Could not read directory attributes: Value too large for defined data type
indicates that the volunteer operating environment has outgrown the assumptions made when compiling the CPDN applications for BOINC compatibility. That happens: BOINC was caught out when SETI task numbers and later workunit numbers outgrew the 32-bit integer storage space previously allocated. At this stage, that's a problem for CPDN to sort out.

But it reminds me of an older CPDN problem.

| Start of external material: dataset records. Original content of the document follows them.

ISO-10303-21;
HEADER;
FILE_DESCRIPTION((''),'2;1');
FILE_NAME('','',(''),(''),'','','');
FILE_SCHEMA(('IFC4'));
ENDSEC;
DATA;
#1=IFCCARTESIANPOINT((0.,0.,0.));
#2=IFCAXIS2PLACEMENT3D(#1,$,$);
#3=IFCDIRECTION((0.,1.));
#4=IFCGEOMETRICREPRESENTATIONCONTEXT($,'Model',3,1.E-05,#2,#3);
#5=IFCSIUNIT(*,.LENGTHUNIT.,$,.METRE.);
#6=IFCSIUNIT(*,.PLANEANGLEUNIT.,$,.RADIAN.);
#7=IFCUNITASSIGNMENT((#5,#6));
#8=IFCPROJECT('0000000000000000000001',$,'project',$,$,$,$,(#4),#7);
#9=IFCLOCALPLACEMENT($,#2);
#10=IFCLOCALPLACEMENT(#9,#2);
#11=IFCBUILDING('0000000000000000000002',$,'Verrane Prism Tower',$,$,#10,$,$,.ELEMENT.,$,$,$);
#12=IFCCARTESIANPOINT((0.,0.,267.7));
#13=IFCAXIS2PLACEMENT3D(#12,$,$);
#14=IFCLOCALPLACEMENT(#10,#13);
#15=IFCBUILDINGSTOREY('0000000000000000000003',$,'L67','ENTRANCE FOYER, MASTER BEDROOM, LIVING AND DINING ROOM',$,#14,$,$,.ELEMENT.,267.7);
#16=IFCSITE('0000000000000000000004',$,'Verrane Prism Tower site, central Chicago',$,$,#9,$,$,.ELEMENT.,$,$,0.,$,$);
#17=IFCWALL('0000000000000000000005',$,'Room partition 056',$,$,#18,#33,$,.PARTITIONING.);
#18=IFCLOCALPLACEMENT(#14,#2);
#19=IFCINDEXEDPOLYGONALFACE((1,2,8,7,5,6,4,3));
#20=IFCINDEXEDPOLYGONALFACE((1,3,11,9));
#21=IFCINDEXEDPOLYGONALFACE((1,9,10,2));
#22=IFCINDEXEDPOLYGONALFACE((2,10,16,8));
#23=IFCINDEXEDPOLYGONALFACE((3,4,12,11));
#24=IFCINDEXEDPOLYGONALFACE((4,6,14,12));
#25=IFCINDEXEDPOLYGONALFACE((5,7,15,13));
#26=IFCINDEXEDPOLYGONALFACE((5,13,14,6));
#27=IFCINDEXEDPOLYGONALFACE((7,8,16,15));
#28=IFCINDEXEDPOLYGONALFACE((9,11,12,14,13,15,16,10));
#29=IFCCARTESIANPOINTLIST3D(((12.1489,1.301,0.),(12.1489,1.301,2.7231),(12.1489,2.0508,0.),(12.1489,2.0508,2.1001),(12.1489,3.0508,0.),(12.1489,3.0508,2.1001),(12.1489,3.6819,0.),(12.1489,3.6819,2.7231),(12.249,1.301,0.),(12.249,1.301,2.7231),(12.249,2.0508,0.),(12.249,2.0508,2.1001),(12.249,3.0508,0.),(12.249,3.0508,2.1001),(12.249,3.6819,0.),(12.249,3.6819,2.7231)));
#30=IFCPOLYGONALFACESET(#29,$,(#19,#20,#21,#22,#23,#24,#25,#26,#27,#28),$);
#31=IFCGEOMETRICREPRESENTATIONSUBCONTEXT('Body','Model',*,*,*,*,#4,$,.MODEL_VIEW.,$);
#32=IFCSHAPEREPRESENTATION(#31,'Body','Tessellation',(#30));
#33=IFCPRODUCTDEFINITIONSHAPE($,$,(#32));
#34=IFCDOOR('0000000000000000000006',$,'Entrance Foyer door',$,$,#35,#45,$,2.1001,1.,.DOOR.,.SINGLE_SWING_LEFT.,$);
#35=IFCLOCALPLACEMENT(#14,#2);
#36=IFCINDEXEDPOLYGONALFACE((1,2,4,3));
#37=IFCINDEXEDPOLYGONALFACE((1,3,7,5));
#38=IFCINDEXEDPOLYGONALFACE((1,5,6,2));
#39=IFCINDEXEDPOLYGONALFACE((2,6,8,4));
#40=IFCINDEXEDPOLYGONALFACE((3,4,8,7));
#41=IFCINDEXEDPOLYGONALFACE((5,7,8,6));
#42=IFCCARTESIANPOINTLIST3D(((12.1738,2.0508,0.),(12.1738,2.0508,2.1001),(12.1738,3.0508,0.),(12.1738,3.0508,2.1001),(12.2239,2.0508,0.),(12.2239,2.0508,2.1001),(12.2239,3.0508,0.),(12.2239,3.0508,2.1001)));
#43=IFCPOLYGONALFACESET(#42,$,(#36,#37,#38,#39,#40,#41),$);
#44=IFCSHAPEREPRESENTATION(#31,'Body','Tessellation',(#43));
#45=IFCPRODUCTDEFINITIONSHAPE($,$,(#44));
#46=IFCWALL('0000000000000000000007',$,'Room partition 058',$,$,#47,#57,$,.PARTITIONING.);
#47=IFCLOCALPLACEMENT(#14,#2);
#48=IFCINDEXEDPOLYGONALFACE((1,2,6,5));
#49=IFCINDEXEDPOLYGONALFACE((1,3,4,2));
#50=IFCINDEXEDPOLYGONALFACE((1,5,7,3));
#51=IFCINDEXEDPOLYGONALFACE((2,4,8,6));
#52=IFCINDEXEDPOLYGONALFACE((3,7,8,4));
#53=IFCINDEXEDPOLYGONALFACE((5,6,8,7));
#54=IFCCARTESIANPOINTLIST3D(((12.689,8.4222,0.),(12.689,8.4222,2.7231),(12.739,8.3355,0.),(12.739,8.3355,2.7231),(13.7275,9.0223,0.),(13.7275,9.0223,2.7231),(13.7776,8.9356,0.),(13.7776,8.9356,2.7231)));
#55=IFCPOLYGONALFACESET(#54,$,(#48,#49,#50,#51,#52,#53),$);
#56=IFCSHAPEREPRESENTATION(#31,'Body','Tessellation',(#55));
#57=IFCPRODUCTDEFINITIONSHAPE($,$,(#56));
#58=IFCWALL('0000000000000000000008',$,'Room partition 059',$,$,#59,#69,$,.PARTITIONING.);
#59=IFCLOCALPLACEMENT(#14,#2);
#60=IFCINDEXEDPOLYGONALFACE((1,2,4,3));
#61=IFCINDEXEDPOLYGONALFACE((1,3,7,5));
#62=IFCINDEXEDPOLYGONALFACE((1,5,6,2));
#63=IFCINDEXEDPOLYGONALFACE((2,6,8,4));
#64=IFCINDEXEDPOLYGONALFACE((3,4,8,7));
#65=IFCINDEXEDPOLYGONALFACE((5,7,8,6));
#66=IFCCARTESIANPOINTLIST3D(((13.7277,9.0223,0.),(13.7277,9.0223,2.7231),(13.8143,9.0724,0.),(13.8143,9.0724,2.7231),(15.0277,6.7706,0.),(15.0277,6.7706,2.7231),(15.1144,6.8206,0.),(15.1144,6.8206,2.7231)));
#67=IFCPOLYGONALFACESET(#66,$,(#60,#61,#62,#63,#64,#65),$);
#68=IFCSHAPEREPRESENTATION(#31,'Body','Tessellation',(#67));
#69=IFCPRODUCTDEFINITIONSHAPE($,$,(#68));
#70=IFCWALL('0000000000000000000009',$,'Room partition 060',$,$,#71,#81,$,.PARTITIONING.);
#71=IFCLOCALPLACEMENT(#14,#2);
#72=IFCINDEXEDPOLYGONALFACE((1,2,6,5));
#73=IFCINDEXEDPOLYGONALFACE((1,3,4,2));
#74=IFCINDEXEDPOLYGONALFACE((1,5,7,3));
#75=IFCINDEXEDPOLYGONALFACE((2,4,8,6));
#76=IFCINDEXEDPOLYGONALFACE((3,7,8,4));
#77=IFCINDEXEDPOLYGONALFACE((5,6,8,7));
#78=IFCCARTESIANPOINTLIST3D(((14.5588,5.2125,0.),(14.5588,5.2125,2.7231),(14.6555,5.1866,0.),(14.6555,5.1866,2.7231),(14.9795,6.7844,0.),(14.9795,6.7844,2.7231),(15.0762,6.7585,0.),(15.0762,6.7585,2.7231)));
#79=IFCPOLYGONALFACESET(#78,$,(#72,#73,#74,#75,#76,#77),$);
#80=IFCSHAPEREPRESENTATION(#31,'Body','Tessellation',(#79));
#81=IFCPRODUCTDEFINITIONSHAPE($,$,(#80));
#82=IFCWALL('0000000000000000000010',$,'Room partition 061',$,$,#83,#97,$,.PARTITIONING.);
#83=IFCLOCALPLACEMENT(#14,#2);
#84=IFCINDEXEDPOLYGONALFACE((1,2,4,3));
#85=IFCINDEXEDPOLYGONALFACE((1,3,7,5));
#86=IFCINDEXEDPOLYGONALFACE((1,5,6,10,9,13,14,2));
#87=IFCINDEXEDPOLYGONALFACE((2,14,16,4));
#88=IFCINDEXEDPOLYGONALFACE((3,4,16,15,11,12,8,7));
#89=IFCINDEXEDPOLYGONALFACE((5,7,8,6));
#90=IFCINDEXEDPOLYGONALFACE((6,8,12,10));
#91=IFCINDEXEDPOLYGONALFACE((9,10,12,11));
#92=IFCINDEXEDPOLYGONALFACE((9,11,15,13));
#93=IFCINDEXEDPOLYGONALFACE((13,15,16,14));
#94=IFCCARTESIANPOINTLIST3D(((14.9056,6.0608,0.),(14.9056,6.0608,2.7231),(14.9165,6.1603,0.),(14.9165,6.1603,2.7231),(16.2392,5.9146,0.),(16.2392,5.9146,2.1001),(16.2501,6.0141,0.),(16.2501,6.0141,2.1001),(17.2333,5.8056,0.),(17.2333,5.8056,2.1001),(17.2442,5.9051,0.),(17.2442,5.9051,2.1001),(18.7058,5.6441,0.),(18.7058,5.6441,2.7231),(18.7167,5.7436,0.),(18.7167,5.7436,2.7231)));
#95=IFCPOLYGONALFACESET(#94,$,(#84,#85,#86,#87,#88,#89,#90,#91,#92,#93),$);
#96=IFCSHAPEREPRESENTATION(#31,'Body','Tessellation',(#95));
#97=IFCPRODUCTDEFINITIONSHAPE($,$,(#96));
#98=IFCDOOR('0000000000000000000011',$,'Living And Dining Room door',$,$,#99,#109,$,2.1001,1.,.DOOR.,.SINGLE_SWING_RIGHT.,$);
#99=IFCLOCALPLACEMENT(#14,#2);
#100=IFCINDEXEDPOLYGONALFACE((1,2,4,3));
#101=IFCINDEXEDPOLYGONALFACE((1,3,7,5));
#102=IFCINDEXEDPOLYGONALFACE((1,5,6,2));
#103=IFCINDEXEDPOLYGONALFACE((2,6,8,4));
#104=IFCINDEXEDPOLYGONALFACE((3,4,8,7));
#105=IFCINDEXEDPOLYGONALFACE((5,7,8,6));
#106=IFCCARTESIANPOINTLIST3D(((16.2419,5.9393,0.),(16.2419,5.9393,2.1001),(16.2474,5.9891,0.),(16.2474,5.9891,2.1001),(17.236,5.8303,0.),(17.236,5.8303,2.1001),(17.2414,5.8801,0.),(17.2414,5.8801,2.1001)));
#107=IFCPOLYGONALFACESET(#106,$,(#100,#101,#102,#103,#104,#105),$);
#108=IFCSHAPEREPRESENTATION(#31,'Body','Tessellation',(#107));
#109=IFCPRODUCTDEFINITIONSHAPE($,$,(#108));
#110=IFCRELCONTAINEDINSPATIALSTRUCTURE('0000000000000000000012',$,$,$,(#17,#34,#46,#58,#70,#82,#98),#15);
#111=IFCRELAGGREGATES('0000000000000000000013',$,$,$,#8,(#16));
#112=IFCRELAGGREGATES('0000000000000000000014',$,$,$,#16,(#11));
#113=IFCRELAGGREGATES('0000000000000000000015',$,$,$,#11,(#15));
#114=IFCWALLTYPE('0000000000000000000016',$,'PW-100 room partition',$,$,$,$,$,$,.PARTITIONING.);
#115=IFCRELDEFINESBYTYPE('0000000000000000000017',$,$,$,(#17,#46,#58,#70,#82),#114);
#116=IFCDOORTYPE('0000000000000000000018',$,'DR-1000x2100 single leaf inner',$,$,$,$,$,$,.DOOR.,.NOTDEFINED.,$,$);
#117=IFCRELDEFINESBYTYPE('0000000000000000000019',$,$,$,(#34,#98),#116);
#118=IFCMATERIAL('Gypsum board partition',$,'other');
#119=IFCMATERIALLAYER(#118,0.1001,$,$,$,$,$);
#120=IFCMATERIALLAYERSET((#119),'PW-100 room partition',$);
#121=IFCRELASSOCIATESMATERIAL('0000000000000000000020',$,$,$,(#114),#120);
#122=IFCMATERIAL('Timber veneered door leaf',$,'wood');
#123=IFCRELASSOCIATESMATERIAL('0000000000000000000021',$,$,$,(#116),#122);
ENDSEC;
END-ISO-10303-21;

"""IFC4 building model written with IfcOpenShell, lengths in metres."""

from ifc_helpers import new_model, si_unit, direction, frame, frame_2d, origin, place, context, subcontext, project, spatial, rectangle, extrude, material, layer, layer_set, type_object, element, fill, save


model = new_model("IFC4")

# Units and contexts
model_context = context("Model", 3, precision=1e-05, world=origin(), true_north=direction((0.0, 1.0)))
body_context = subcontext(model_context, "Body", "Model", "MODEL_VIEW")
ifc_project = project(units=[si_unit("LENGTHUNIT", "METRE"), si_unit("PLANEANGLEUNIT", "RADIAN")], contexts=[model_context])

# Site, building, storey
site_placement = place(None, origin())
site = spatial("IfcSite", under=ifc_project, at=site_placement, Name="Verrane Prism Tower site, central Chicago", CompositionType="ELEMENT", RefElevation=0.0)
building_placement = place(site_placement, origin())
building = spatial("IfcBuilding", under=site, at=building_placement, Name="Verrane Prism Tower", CompositionType="ELEMENT")
storey_placement = place(building_placement, frame((0.0, 0.0, 267.7)))
storey = spatial("IfcBuildingStorey", under=building, at=storey_placement, Name="L67", Description="ENTRANCE FOYER, MASTER BEDROOM, LIVING AND DINING ROOM", CompositionType="ELEMENT", Elevation=267.7)

# Wall, opening, door
ifc_material_1 = material(Name="Gypsum board partition", Category="other")
ifc_layer_1 = layer(ifc_material_1, 0.1001)
ifc_layer_set_1 = layer_set([ifc_layer_1], Name="PW-100 room partition")
wall_type_1 = type_object("IfcWallType", Name="PW-100 room partition", PredefinedType="PARTITIONING", material=ifc_layer_set_1)
wall_1_placement = place(storey_placement, frame((12.199, 3.6819, 0.0), z_axis=(0.0, 0.0, 1.0), x_axis=(0.0, -1.0, 0.0)))
wall_1 = element("IfcWall", 1, at=wall_1_placement, inside=storey, type_object=wall_type_1, Name="Room partition 056", PredefinedType="PARTITIONING", context=body_context, shape_type="SweptSolid", body=[
    extrude(rectangle(XDim=2.3809, YDim=0.1001, at=frame_2d((1.1904, 0.0))), origin(), (0.0, 0.0, 1.0), 2.7231),
])
opening_1_placement = place(wall_1_placement, frame((0.6311, 0.0, 0.0)))
opening_1 = element("IfcOpeningElement", 2, at=opening_1_placement, cuts=wall_1, PredefinedType="OPENING", context=body_context, shape_type="SweptSolid", body=[
    extrude(rectangle(XDim=1.0, YDim=2.1001, at=frame_2d((0.5, 1.05))), frame((0.0, 0.0601, 0.0), z_axis=(0.0, -1.0, 0.0), x_axis=(1.0, 0.0, 0.0)), (0.0, 0.0, 1.0), 0.1201),
])
ifc_material_2 = material(Name="Timber veneered door leaf", Category="wood")
door_type_1 = type_object("IfcDoorType", Name="DR-1000x2100 single leaf inner", OperationType="NOTDEFINED", PredefinedType="DOOR", material=ifc_material_2)
door_1_placement = place(opening_1_placement, origin())
door_1 = element("IfcDoor", 3, at=door_1_placement, inside=storey, type_object=door_type_1, Name="Entrance Foyer door", OperationType="SINGLE_SWING_LEFT", OverallHeight=2.1001, OverallWidth=1.0, PredefinedType="DOOR", context=body_context, shape_type="SweptSolid", body=[
    extrude(rectangle(XDim=1.0, YDim=2.1001, at=frame_2d((0.5, 1.05))), frame((0.0, 0.0249, 0.0), z_axis=(0.0, -1.0, 0.0), x_axis=(1.0, 0.0, 0.0)), (0.0, 0.0, 1.0), 0.05),
])
fill(opening_1, door_1)

# Walls
wall_2_placement = place(storey_placement, frame((12.7141, 8.3789, 0.0), z_axis=(0.0, 0.0, 1.0), x_axis=(0.865853, 0.500298, 0.0)))
element("IfcWall", 4, at=wall_2_placement, inside=storey, type_object=wall_type_1, Name="Room partition 058", PredefinedType="PARTITIONING", context=body_context, shape_type="SweptSolid", body=[
    extrude(rectangle(XDim=1.1995, YDim=0.1001, at=frame_2d((0.5996, 0.0))), origin(), (0.0, 0.0, 1.0), 2.7231),
])
wall_3_placement = place(storey_placement, frame((13.771, 9.0474, 0.0), z_axis=(0.0, 0.0, 1.0), x_axis=(0.500007, -0.866021, 0.0)))
element("IfcWall", 5, at=wall_3_placement, inside=storey, type_object=wall_type_1, Name="Room partition 059", PredefinedType="PARTITIONING", context=body_context, shape_type="SweptSolid", body=[
    extrude(rectangle(XDim=2.6001, YDim=0.1001, at=frame_2d((1.3, 0.0))), origin(), (0.0, 0.0, 1.0), 2.7231),
])
wall_4_placement = place(storey_placement, frame((14.6072, 5.1997, 0.0), z_axis=(0.0, 0.0, 1.0), x_axis=(0.258531, 0.966003, 0.0)))
element("IfcWall", 6, at=wall_4_placement, inside=storey, type_object=wall_type_1, Name="Room partition 060", PredefinedType="PARTITIONING", context=body_context, shape_type="SweptSolid", body=[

CPDN downloads a *lot* of data for each task, and to save time downloads it in .zip (compressed) format. When starting, the first thing it does is to decompress the data into a task-specific sub-directory in the project folder. As I remember it in the past, the CPDN app deleted the sub-directory on successful completion, but sometimes failed to clean it up when the app crashed - leaving a lot of unnecessary data lying around, wasting space. Looking at my new-ish Linux machines, that doesn't seem to be a problem now - I know I crashed at least one task while testing whether I had the 32-bit libs (I didn't). There no trace of that crashed task now - or maybe the 32-bit lib crash happens so early that the files never get decompressed.

Whatever. Maybe

checkdir:  cannot create extraction directory: hadam4h_a21t_209911_4_867_012014556
           File exists
is something similar. The app gets far enough to decompress the input data, then crashes, and exits leaving the data behind. If it tries to re-start, the data is still there, and the directory can't be created for the reason stated. That would be another problem for CPDN to solve: BOINC looks after the slot directories (cleaning them up after use), but the project has to manage its own private project directory.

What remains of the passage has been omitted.